A final determination of the question was imposed upon Parliament by the pressure of the manufacturing and commercial classes arising from a decision in the case of R. vs. Lumsdaine, in 1839, looking to the taxation of personal property. In consequence, an act was passed (3 and 4 Vict., c. 89), and has remained in force until the present time, exempting an inhabitant from any tax "in respect of his ability derived from the profits of stock in trade or any other property, for or toward the relief of the poor." Thus it is that the English local taxation has managed to keep clear from the bog of assessing personal property, and the annual value of immovable property, such as lands and houses, within the parish has come to be selected as the simplest and most practicable basis for assessments. The history is of high importance, because the basis of the poor rate was adopted as the basis for all other rates levied in local taxation. Whatever confusion has been introduced has arisen from other causes, such as the constituting poor-law unions containing more than one parish, the levying of county rates, a county having a boundary other than a parish or a union, and the assessing for rates by parish officers who acted independently of each other. Many efforts have been made to introduce a uniform system of assessment, but without success. One of the clearest thinkers on this subject was Sir George Cornewall Lewis. In appearing before a committee on taxation, in 1850, he said: "We have never recognized the principle of having one valuation for all the different rates. If that principle were once admitted, the inducement to have an accurate and complete valuation would be at its maximum, because then you would know that whatever charge might be imposed it would be imposed upon that valuation, whereas if there is one assessment for one rate and another assessment for another rate, and an amended assessment for a third rate, no one cares much about making any assessment perfect. This is one defect of the present system of valuation."
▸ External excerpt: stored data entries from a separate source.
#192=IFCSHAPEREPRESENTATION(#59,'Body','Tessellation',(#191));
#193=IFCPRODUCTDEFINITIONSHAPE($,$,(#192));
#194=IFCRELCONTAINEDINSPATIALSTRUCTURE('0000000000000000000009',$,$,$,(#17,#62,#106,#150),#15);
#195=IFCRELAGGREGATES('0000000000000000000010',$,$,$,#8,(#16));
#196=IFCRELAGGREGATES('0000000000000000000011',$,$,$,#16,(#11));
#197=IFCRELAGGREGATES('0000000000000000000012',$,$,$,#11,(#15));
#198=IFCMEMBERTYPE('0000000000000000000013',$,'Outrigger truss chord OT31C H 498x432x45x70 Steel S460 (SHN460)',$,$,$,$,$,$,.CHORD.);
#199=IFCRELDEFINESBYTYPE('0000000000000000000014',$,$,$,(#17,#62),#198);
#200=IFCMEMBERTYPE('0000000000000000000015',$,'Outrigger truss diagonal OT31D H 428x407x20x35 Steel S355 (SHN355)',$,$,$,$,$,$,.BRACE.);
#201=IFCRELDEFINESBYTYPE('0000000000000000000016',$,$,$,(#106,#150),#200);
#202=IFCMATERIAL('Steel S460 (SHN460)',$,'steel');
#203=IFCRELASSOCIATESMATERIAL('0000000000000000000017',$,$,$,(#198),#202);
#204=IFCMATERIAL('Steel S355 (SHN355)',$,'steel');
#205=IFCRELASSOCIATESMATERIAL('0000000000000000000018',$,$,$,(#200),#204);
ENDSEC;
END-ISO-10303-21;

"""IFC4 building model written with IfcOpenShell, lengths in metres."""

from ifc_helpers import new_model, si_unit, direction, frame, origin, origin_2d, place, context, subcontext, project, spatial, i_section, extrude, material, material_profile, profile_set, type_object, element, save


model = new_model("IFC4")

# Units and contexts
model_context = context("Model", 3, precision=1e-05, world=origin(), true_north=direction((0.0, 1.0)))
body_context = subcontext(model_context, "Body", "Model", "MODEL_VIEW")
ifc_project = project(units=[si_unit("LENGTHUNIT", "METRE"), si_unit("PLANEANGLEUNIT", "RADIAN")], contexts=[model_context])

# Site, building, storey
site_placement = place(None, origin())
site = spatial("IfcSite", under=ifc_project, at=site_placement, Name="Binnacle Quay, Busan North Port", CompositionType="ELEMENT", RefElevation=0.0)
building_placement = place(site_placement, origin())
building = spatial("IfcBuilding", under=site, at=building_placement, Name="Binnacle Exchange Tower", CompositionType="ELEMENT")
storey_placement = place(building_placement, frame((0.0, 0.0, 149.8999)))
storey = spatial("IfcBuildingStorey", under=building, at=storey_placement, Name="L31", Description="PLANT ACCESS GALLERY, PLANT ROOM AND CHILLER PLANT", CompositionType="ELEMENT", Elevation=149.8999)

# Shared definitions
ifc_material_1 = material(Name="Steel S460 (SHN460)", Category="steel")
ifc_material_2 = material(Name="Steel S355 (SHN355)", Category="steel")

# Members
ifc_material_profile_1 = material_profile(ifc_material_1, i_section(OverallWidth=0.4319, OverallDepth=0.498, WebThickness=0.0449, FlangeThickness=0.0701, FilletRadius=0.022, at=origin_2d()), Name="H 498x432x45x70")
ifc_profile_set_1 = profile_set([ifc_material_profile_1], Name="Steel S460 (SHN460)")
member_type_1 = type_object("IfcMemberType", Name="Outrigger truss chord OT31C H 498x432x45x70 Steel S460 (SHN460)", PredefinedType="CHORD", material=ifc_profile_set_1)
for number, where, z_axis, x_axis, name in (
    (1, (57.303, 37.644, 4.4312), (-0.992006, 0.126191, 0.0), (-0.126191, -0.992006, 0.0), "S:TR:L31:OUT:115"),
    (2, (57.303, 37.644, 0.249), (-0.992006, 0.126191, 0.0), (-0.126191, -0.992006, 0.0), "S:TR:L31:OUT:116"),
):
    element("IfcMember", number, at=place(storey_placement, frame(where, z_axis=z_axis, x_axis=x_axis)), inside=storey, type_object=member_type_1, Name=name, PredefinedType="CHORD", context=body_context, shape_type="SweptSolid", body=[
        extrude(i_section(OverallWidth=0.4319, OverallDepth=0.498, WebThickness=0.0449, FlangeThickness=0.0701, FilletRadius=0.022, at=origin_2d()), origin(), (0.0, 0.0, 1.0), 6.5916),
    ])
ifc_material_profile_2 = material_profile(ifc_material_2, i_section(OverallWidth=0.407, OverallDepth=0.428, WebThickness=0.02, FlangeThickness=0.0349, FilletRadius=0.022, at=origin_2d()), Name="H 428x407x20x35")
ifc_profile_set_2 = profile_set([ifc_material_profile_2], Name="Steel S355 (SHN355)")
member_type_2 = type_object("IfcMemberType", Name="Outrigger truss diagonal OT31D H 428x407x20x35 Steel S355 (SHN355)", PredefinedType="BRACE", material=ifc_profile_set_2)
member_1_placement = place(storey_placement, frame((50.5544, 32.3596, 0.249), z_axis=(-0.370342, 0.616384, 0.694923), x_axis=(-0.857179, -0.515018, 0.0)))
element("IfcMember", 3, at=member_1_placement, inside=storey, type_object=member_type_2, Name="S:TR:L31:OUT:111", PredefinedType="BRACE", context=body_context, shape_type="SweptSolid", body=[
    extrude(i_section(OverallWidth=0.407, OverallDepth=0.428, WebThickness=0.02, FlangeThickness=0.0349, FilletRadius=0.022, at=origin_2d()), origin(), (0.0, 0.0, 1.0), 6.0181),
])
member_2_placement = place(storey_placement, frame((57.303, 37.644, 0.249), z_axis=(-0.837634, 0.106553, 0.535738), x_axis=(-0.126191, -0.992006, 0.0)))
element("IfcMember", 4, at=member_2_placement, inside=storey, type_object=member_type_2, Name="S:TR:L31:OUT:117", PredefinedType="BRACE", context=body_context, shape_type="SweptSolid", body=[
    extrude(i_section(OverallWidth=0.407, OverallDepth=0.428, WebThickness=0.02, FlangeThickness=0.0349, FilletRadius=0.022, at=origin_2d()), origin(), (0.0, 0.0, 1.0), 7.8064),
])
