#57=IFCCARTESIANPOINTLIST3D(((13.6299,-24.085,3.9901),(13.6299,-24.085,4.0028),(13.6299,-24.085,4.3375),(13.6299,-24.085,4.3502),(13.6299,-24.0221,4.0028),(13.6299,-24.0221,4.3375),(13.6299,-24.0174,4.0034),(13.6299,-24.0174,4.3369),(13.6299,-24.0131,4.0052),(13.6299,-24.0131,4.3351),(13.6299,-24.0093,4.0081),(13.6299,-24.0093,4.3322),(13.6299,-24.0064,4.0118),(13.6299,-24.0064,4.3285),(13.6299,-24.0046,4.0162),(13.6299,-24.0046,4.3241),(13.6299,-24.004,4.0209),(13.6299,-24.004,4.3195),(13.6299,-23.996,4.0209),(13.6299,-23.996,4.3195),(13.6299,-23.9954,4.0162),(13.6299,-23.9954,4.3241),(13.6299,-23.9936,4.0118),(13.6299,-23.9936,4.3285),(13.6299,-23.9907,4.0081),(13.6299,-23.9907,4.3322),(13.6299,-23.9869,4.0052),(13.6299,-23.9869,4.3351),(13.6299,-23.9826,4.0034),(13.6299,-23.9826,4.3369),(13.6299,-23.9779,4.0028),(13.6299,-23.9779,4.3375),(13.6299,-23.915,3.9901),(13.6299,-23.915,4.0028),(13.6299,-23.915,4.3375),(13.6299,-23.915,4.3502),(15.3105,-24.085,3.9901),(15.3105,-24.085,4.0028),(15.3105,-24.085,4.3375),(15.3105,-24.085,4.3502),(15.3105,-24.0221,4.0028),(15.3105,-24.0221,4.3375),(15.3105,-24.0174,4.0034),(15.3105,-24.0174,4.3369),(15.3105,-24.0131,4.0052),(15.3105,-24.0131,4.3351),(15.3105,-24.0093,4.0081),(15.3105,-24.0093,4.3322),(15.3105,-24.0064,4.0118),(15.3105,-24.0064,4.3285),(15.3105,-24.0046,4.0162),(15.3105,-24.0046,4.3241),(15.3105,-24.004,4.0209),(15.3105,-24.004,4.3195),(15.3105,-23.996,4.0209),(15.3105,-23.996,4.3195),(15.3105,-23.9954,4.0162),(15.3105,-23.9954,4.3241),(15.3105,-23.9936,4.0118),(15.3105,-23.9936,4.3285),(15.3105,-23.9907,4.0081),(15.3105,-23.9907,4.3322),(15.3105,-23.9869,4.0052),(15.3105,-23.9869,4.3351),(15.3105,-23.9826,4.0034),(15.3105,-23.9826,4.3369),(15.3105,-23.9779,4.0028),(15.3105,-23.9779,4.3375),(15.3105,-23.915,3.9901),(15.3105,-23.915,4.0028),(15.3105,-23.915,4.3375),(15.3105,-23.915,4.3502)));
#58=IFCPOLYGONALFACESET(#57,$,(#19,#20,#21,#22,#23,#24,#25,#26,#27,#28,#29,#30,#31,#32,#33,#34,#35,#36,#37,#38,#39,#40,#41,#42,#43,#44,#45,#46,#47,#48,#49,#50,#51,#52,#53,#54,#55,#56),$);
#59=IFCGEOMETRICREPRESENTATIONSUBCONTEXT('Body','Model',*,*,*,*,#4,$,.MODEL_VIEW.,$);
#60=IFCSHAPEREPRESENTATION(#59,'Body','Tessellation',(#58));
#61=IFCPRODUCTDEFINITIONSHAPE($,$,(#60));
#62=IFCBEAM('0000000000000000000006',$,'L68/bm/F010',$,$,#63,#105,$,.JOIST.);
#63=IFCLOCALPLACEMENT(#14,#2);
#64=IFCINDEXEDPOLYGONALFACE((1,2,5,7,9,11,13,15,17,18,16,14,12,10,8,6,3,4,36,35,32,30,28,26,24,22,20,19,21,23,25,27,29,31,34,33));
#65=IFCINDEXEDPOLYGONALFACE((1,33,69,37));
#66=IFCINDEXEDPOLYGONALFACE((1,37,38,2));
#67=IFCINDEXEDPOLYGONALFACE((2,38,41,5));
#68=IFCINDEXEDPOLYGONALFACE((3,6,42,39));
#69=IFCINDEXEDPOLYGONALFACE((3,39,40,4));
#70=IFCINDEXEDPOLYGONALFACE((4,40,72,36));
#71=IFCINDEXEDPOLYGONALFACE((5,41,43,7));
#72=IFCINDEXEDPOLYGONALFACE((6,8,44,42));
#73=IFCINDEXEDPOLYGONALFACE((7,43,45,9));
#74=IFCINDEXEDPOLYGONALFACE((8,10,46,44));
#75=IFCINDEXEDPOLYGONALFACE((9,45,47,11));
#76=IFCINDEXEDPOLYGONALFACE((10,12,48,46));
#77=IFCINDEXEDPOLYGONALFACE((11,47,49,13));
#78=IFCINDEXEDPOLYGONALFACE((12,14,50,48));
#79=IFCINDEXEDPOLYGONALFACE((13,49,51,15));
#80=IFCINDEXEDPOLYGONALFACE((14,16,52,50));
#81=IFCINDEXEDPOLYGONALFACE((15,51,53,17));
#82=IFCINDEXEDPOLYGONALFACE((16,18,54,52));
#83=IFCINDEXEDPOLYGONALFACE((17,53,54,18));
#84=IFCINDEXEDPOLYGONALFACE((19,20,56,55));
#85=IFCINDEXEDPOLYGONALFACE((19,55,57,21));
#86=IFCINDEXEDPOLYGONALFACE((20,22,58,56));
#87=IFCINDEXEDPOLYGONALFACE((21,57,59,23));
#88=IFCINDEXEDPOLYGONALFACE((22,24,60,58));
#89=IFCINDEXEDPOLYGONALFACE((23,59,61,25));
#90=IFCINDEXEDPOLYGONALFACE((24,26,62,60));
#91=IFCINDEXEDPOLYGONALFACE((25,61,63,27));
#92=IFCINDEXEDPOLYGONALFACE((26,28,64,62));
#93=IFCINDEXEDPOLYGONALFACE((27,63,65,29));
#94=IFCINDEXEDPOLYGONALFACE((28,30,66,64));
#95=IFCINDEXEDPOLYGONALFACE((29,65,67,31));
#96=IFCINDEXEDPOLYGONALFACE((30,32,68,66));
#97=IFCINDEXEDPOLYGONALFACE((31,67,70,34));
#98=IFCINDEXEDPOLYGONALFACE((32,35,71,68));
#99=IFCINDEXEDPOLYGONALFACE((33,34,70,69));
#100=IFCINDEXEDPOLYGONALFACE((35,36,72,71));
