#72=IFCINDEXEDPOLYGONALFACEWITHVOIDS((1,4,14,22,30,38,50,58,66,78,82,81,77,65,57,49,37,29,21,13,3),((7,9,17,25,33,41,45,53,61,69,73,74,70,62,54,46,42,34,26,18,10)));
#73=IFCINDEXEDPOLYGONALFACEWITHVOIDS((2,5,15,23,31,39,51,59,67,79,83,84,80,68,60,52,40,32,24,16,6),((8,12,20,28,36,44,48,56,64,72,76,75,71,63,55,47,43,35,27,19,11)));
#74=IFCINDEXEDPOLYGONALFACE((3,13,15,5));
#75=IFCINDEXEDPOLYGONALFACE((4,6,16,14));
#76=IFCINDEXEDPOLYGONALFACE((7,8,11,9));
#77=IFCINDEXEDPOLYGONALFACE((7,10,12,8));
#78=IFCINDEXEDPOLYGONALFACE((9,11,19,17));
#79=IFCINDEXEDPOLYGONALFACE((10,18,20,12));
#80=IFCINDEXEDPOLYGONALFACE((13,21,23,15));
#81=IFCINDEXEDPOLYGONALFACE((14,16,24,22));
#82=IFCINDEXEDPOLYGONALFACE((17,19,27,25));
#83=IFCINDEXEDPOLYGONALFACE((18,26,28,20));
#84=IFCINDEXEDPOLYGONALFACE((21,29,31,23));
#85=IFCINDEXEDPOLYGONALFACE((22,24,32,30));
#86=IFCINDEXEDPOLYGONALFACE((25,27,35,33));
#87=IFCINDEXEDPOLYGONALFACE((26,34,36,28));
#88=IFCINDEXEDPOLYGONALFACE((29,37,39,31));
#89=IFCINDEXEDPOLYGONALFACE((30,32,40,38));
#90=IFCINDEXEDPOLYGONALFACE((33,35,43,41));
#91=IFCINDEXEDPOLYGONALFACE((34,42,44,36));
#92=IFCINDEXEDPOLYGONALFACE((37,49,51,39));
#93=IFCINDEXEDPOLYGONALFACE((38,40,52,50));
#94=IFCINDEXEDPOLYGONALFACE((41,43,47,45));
The defect has persisted and become more aggravated each year. In 1870 a special commission came to the resolution that "the great variety of rates levied by different authorities, even in the same area, on different assessments, with different deductions and by different collectors, has produced great confusion and expense; and that in any change of the law as regards local taxation, uniformity and simplicity of assessment and collection, as well as of economy of management, ought to be secured as far as possible." When it is considered that for the five independent valuations for raising rates on property there are in England and Wales more than one thousand valuation authorities, the hopelessness of obtaining uniformity is apparent. With such a multiplicity of agents it is useless to look for good results. There is no fixed or necessary time for making the valuation lists; no uniform system of or scale for making deductions for arriving at the ratable values of certain classes of property; exemptions and allowances are said to be given unduly, through undue pressure on the assessing authorities; and the assessment committees have no statutory power to ascertain from owners or occupiers the rentals and other particulars needed to determine values. The reforms needed are a geographical redistribution of taxing limits and uniform rules of assessments.